# Personal settings ECO mode?



## tonyiiiafl (Sep 8, 2019)

I have a 2019 Tiguan SEL. LOVE IT! However, when setting the personal settings, When I start the vehicle, the transmission shows ECO on the display, but defaults to D or Normal mode on the dash, and drives as such. DOes the car hold the ECO mode setting?


----------



## Reihenmotor5 (Dec 1, 2006)

tonyiiiafl said:


> I have a 2019 Tiguan SEL. LOVE IT! However, when setting the personal settings, When I start the vehicle, the transmission shows ECO on the display, but defaults to D or Normal mode on the dash, and drives as such. DOes the car hold the ECO mode setting?


No, by default the car will go back to Drive. If you want to keep it in Eco make your changes in Custom.

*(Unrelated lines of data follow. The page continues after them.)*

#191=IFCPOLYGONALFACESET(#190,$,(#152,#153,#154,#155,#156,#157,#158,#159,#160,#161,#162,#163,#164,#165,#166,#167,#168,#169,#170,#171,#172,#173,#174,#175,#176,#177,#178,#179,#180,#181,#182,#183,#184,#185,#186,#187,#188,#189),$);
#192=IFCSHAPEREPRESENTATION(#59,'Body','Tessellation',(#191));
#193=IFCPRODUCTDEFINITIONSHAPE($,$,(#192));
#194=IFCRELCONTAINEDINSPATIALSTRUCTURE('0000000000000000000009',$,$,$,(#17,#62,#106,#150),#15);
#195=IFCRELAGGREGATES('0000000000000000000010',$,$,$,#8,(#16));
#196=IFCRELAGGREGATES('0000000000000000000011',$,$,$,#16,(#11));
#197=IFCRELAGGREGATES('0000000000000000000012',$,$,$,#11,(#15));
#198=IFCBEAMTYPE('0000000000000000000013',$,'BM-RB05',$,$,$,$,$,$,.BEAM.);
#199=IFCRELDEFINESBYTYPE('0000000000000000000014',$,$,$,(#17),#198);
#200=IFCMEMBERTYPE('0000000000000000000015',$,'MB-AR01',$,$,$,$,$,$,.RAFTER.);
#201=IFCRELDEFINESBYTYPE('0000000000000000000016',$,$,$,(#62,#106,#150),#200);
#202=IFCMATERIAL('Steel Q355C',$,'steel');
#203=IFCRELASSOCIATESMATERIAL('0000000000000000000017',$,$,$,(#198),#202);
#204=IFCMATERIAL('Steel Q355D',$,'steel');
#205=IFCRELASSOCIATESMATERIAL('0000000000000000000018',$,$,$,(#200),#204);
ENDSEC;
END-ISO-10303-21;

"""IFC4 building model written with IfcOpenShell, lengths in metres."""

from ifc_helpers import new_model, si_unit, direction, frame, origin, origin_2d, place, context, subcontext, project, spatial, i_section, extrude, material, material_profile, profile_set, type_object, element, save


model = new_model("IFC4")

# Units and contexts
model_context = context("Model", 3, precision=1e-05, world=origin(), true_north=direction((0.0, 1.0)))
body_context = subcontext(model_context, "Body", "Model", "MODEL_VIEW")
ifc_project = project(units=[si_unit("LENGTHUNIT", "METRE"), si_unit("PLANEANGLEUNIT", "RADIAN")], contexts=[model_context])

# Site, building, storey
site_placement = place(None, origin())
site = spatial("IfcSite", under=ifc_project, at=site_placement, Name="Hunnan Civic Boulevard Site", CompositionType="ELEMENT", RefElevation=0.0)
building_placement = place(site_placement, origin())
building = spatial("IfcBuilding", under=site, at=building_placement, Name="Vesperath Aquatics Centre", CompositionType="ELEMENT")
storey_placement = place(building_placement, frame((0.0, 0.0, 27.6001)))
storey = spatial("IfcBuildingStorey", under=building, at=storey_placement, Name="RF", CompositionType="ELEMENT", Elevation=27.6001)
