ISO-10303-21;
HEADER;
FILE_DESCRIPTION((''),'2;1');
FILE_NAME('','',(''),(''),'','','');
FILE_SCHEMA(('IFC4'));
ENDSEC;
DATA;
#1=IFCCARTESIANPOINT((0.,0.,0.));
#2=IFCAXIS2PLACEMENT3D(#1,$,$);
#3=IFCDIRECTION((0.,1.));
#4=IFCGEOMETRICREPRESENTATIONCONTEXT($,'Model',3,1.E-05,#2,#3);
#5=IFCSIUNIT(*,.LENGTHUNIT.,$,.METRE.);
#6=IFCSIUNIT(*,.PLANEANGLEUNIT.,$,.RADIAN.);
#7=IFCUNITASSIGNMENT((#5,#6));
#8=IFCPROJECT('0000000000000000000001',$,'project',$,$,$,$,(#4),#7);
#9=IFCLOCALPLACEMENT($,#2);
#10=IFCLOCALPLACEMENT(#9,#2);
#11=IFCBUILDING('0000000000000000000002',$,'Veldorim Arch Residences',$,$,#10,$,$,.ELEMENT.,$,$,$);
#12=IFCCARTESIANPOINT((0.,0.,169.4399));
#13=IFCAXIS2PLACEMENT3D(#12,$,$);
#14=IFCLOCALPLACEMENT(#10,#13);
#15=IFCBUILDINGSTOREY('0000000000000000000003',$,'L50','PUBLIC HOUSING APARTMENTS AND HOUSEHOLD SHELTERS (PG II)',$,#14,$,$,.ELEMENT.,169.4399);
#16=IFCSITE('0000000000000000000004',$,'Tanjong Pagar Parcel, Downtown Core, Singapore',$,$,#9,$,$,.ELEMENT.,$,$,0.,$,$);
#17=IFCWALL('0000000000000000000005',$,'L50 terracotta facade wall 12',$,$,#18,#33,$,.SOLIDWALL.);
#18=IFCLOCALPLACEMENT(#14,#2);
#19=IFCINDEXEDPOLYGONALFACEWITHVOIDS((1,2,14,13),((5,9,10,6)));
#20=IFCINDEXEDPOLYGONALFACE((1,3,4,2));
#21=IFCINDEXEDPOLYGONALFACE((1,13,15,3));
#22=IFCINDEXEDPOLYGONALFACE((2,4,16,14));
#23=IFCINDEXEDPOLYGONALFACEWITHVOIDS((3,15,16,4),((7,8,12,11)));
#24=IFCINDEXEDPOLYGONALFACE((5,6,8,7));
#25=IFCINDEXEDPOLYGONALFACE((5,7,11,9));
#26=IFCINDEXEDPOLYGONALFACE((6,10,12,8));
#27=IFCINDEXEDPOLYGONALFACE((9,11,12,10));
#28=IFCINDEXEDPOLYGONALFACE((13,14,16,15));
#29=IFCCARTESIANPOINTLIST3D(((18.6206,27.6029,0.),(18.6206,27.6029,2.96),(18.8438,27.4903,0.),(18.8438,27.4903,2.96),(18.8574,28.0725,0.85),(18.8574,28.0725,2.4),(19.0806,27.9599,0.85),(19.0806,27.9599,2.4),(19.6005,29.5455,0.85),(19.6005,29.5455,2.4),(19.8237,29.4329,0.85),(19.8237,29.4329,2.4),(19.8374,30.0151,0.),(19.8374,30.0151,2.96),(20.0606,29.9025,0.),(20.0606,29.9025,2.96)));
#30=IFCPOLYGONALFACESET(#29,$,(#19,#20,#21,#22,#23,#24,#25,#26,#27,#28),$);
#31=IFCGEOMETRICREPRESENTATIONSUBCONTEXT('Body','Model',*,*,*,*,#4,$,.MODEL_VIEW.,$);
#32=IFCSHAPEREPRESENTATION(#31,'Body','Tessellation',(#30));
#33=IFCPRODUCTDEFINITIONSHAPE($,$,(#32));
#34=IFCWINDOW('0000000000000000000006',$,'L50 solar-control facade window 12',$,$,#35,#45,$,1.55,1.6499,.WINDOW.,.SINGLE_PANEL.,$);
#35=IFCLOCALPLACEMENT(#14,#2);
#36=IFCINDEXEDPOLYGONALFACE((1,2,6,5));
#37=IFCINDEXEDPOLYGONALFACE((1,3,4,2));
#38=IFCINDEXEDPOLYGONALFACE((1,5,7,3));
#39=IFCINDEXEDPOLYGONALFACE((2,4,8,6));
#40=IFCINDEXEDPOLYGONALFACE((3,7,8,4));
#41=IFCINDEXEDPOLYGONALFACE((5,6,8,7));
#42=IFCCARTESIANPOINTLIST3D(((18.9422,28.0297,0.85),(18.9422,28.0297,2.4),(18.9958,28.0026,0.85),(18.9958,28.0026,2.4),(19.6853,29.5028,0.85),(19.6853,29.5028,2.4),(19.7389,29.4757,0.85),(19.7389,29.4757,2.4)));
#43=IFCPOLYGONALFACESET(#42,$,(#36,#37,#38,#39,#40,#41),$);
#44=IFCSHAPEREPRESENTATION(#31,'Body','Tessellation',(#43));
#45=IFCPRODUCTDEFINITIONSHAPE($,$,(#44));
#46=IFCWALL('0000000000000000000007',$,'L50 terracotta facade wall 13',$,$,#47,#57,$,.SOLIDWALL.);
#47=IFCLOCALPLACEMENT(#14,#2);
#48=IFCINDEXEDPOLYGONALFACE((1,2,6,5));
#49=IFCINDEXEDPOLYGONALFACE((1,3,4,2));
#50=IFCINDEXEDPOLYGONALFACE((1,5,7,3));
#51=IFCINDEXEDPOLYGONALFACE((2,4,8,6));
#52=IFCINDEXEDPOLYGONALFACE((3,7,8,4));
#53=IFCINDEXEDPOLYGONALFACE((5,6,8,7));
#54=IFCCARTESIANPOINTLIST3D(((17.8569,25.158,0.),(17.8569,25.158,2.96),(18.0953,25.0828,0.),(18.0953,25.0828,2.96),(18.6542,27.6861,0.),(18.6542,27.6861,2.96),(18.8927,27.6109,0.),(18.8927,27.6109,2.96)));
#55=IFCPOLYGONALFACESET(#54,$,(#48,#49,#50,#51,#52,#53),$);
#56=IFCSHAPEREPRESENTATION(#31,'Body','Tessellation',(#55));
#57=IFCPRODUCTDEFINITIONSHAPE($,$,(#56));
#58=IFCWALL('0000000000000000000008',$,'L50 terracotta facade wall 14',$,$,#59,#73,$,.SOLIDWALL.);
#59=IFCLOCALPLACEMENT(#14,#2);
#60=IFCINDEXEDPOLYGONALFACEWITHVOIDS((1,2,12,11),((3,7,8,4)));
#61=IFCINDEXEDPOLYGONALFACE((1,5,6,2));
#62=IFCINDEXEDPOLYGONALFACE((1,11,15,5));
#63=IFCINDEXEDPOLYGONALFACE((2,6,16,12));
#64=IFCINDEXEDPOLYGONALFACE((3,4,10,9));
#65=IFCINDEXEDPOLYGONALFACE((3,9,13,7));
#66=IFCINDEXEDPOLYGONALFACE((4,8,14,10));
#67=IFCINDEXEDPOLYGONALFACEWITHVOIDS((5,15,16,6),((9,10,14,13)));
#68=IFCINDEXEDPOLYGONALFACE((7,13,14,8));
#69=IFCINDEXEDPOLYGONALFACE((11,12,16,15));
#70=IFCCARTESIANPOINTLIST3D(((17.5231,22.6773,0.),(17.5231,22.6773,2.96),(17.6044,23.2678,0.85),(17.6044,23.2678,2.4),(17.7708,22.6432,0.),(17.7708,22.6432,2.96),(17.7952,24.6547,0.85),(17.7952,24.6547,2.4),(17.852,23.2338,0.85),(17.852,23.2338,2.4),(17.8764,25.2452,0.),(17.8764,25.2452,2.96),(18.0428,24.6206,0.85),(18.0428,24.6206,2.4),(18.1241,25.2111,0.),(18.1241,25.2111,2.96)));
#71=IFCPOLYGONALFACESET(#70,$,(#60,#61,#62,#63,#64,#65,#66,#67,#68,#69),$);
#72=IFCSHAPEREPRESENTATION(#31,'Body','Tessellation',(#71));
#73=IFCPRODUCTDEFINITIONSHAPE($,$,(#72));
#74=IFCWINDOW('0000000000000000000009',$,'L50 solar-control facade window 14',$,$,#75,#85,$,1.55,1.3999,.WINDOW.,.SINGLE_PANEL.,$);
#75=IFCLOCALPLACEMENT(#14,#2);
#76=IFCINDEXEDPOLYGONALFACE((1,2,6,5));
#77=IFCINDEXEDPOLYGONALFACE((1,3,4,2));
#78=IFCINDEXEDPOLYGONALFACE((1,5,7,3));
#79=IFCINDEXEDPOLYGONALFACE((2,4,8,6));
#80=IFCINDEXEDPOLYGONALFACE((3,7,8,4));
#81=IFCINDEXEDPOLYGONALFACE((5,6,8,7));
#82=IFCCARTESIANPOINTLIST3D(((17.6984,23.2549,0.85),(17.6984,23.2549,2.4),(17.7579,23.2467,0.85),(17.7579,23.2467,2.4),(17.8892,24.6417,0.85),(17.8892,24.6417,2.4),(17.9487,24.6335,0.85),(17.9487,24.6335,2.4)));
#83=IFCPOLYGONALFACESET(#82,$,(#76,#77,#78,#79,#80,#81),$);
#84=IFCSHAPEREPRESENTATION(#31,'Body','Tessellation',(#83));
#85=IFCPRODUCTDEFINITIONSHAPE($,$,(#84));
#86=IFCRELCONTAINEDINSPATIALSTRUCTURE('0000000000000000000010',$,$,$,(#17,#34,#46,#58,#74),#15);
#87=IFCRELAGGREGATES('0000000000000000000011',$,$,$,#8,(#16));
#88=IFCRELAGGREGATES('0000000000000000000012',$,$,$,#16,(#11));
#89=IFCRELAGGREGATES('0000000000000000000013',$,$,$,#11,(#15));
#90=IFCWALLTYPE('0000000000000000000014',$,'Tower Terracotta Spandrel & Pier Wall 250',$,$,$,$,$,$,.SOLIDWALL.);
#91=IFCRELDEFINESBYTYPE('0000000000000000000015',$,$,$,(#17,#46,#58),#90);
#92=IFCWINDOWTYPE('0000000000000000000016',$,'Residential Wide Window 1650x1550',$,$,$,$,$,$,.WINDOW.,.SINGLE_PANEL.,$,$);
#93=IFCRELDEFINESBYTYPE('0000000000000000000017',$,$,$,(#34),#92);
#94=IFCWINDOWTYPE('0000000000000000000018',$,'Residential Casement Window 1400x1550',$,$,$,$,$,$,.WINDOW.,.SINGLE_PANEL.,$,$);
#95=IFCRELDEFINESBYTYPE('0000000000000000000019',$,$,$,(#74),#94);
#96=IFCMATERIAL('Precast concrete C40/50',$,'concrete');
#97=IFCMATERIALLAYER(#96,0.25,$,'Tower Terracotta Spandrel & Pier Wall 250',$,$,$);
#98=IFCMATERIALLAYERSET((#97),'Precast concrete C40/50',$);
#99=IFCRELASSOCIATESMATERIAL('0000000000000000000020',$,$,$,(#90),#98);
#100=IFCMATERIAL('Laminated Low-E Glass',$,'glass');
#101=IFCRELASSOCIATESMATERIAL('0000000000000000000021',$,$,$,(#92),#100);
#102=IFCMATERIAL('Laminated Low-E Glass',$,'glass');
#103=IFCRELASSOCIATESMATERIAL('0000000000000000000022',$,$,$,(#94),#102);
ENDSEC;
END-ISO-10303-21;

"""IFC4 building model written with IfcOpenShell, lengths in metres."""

from ifc_helpers import new_model, si_unit, direction, frame, frame_2d, origin, place, context, subcontext, project, spatial, rectangle, extrude, material, layer, layer_set, type_object, element, fill, save


model = new_model("IFC4")

# Units and contexts
model_context = context("Model", 3, precision=1e-05, world=origin(), true_north=direction((0.0, 1.0)))
body_context = subcontext(model_context, "Body", "Model", "MODEL_VIEW")
ifc_project = project(units=[si_unit("LENGTHUNIT", "METRE"), si_unit("PLANEANGLEUNIT", "RADIAN")], contexts=[model_context])

# Site, building, storey
site_placement = place(None, origin())
site = spatial("IfcSite", under=ifc_project, at=site_placement, Name="Tanjong Pagar Parcel, Downtown Core, Singapore", CompositionType="ELEMENT", RefElevation=0.0)
building_placement = place(site_placement, origin())
building = spatial("IfcBuilding", under=site, at=building_placement, Name="Veldorim Arch Residences", CompositionType="ELEMENT")
storey_placement = place(building_placement, frame((0.0, 0.0, 169.4399)))
storey = spatial("IfcBuildingStorey", under=building, at=storey_placement, Name="L50", Description="PUBLIC HOUSING APARTMENTS AND HOUSEHOLD SHELTERS (PG II)", CompositionType="ELEMENT", Elevation=169.4399)

# Wall, opening, window
ifc_material_1 = material(Name="Precast concrete C40/50", Category="concrete")
ifc_layer_1 = layer(ifc_material_1, 0.25, Name="Tower Terracotta Spandrel & Pier Wall 250")
ifc_layer_set_1 = layer_set([ifc_layer_1], Name="Precast concrete C40/50")
wall_type_1 = type_object("IfcWallType", Name="Tower Terracotta Spandrel & Pier Wall 250", PredefinedType="SOLIDWALL", material=ifc_layer_set_1)
wall_1_placement = place(storey_placement, frame((18.7322, 27.5466, 0.0), z_axis=(0.0, 0.0, 1.0), x_axis=(0.450392, 0.892831, 0.0)))
wall_1 = element("IfcWall", 1, at=wall_1_placement, inside=storey, type_object=wall_type_1, Name="L50 terracotta facade wall 12", PredefinedType="SOLIDWALL", context=body_context, shape_type="SweptSolid", body=[
    extrude(rectangle(XDim=2.7017, YDim=0.25, at=frame_2d((1.3508, 0.0))), origin(), (0.0, 0.0, 1.0), 2.96),
])
opening_1_placement = place(wall_1_placement, frame((0.5259, 0.0, 0.8501)))
opening_1 = element("IfcOpeningElement", 2, at=opening_1_placement, cuts=wall_1, PredefinedType="OPENING", context=body_context, shape_type="SweptSolid", body=[
    extrude(rectangle(XDim=1.6499, YDim=1.55, at=frame_2d((0.825, 0.7749))), frame((0.0, 0.135, 0.0), z_axis=(0.0, -1.0, 0.0), x_axis=(1.0, 0.0, 0.0)), (0.0, 0.0, 1.0), 0.27),
])
ifc_material_2 = material(Name="Laminated Low-E Glass", Category="glass")
window_type_1 = type_object("IfcWindowType", Name="Residential Wide Window 1650x1550", PartitioningType="SINGLE_PANEL", PredefinedType="WINDOW", material=ifc_material_2)
window_1_placement = place(opening_1_placement, origin())
window_1 = element("IfcWindow", 3, at=window_1_placement, inside=storey, type_object=window_type_1, Name="L50 solar-control facade window 12", OverallHeight=1.55, OverallWidth=1.6499, PartitioningType="SINGLE_PANEL", PredefinedType="WINDOW", context=body_context, shape_type="SweptSolid", body=[
    extrude(rectangle(XDim=1.6499, YDim=1.55, at=frame_2d((0.825, 0.7749))), frame((0.0, 0.03, 0.0), z_axis=(0.0, -1.0, 0.0), x_axis=(1.0, 0.0, 0.0)), (0.0, 0.0, 1.0), 0.0601),
])
fill(opening_1, window_1)

# Wall
wall_2_placement = place(storey_placement, frame((17.9761, 25.1204, 0.0), z_axis=(0.0, 0.0, 1.0), x_axis=(0.300796, 0.953688, 0.0)))
element("IfcWall", 4, at=wall_2_placement, inside=storey, type_object=wall_type_1, Name="L50 terracotta facade wall 13", PredefinedType="SOLIDWALL", context=body_context, shape_type="SweptSolid", body=[
    extrude(rectangle(XDim=2.6509, YDim=0.25, at=frame_2d((1.3254, 0.0))), origin(), (0.0, 0.0, 1.0), 2.96),
])

# Wall, opening, window
wall_3_placement = place(storey_placement, frame((17.647, 22.6604, 0.0), z_axis=(0.0, 0.0, 1.0), x_axis=(0.13629, 0.990669, 0.0)))
wall_3 = element("IfcWall", 5, at=wall_3_placement, inside=storey, type_object=wall_type_1, Name="L50 terracotta facade wall 14", PredefinedType="SOLIDWALL", context=body_context, shape_type="SweptSolid", body=[
    extrude(rectangle(XDim=2.592, YDim=0.25, at=frame_2d((1.2959, 0.0))), origin(), (0.0, 0.0, 1.0), 2.96),
])
opening_2_placement = place(wall_3_placement, frame((0.5959, 0.0, 0.8501)))
opening_2 = element("IfcOpeningElement", 6, at=opening_2_placement, cuts=wall_3, PredefinedType="OPENING", context=body_context, shape_type="SweptSolid", body=[
    extrude(rectangle(XDim=1.3999, YDim=1.55, at=frame_2d((0.7, 0.7749))), frame((0.0, 0.135, 0.0), z_axis=(0.0, -1.0, 0.0), x_axis=(1.0, 0.0, 0.0)), (0.0, 0.0, 1.0), 0.27),
])
ifc_material_3 = material(Name="Laminated Low-E Glass", Category="glass")
window_type_2 = type_object("IfcWindowType", Name="Residential Casement Window 1400x1550", PartitioningType="SINGLE_PANEL", PredefinedType="WINDOW", material=ifc_material_3)
window_2_placement = place(opening_2_placement, origin())
window_2 = element("IfcWindow", 7, at=window_2_placement, inside=storey, type_object=window_type_2, Name="L50 solar-control facade window 14", OverallHeight=1.55, OverallWidth=1.3999, PartitioningType="SINGLE_PANEL", PredefinedType="WINDOW", context=body_context, shape_type="SweptSolid", body=[
    extrude(rectangle(XDim=1.3999, YDim=1.55, at=frame_2d((0.7, 0.7749))), frame((0.0, 0.03, 0.0), z_axis=(0.0, -1.0, 0.0), x_axis=(1.0, 0.0, 0.0)), (0.0, 0.0, 1.0), 0.0601),
])
fill(opening_2, window_2)

save(model, "model.ifc")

Even though the MIB will still show ECO in the top left corner, it’s a known bug. 

If you make your changes in Custom, the car will stay in Custom and to the settings of your liking. 


Sent while on the run


----------



## tonyiiiafl (Sep 8, 2019)

*ECO*

Thank you!!!!!


----------



## shinerb (Apr 3, 2012)

Good points above.

A little off topic but I notice the following things in a 2019 SE. Curious if these are in line with what other 2019 owners experience.

*Eco: *most refined engine noise

*Normal:* going from 1st to 2nd sounds the harshest and possibly the slowest (close call with Eco Mode)

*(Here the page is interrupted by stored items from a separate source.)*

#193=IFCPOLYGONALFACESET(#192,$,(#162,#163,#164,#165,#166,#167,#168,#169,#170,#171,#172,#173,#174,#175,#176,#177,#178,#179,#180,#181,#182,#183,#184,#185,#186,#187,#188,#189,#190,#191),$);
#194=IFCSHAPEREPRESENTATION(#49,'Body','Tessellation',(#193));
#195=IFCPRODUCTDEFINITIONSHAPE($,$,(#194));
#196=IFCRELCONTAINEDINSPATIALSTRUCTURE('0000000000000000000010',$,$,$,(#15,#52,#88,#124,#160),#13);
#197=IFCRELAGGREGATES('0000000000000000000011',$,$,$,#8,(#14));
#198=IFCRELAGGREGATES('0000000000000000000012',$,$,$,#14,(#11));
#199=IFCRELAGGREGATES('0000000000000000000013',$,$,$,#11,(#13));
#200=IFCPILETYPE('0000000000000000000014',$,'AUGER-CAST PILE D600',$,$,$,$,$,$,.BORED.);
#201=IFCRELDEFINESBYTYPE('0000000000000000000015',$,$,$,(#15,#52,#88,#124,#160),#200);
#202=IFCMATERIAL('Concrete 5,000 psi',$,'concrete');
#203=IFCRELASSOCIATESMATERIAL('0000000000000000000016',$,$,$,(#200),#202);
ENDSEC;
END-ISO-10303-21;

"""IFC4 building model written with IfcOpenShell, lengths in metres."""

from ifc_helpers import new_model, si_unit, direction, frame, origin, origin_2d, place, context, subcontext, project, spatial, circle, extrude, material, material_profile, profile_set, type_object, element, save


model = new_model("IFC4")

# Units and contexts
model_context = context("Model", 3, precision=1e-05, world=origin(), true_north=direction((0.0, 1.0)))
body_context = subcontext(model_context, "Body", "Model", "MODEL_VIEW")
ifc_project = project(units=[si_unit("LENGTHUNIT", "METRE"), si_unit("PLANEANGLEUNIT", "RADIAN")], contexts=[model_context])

*Sport:* quickest off the line, quickest gear changes and less refined than Eco but much more refined than Normal


----------



## Reihenmotor5 (Dec 1, 2006)

shinerb said:


> Good points above.
> 
> A little off topic but I notice the following things in a 2019 SE. Curious if these are in line with what other 2019 owners experience.
> 
> ...


Can confirm


Sent while on the run


----------



## Terry231194 (Dec 30, 2020)

Reihenmotor5 said:


> No, by default the car will go back to Drive. If you want to keep it in Eco make your changes in Custom. Even though the MIB will still show ECO in the top left corner, it’s a known bug.
> 
> If you make your changes in Custom, the car will stay in Custom and to the settings of your liking.
> 
> ...


I have a 2020 Tiguan SEL 4motion and I have the same issue when I went to my dealer and asked about it they told me that all VW wil do that because there was a law suite against the VW because people didn’t know if they were on park or drive when they started the car and it said E or S. So it’s still will show D but it’s should drive on what ever mode were pre set.


----------



## JB4532 (Dec 16, 2020)

The transmission always defaults to Normal at startup because this is the mode that was tested for government emissions/mileage requirements. (The emissions and mileage tests are the same tests. They use a standard fuel and then backward calculate the fuel economy off of the emissions results.) If Volkswagen were going to let you default the transmission to Eco or Sport, in addition to Normal, they would have to pay to run three sets of tests and then average them, which they presumably are not going to do. You can easily verify for yourself at startup that the transmission is not in Eco mode by moving the shifter over to manual and you will see that you are in 1st gear. If the transmission were actually in Eco mode, you would be in 2nd gear at startup. Eco always starts from a standstill in 2nd gear whereas Normal and Sport start from a standstill in 1st.

Also, if you were wondering why they don’t let you permanently turn off stop/start (without Carista etc, as applicable), it is the same reason as above. They would have to run two sets of tests and then average them. It’s not that they are stupid.


----------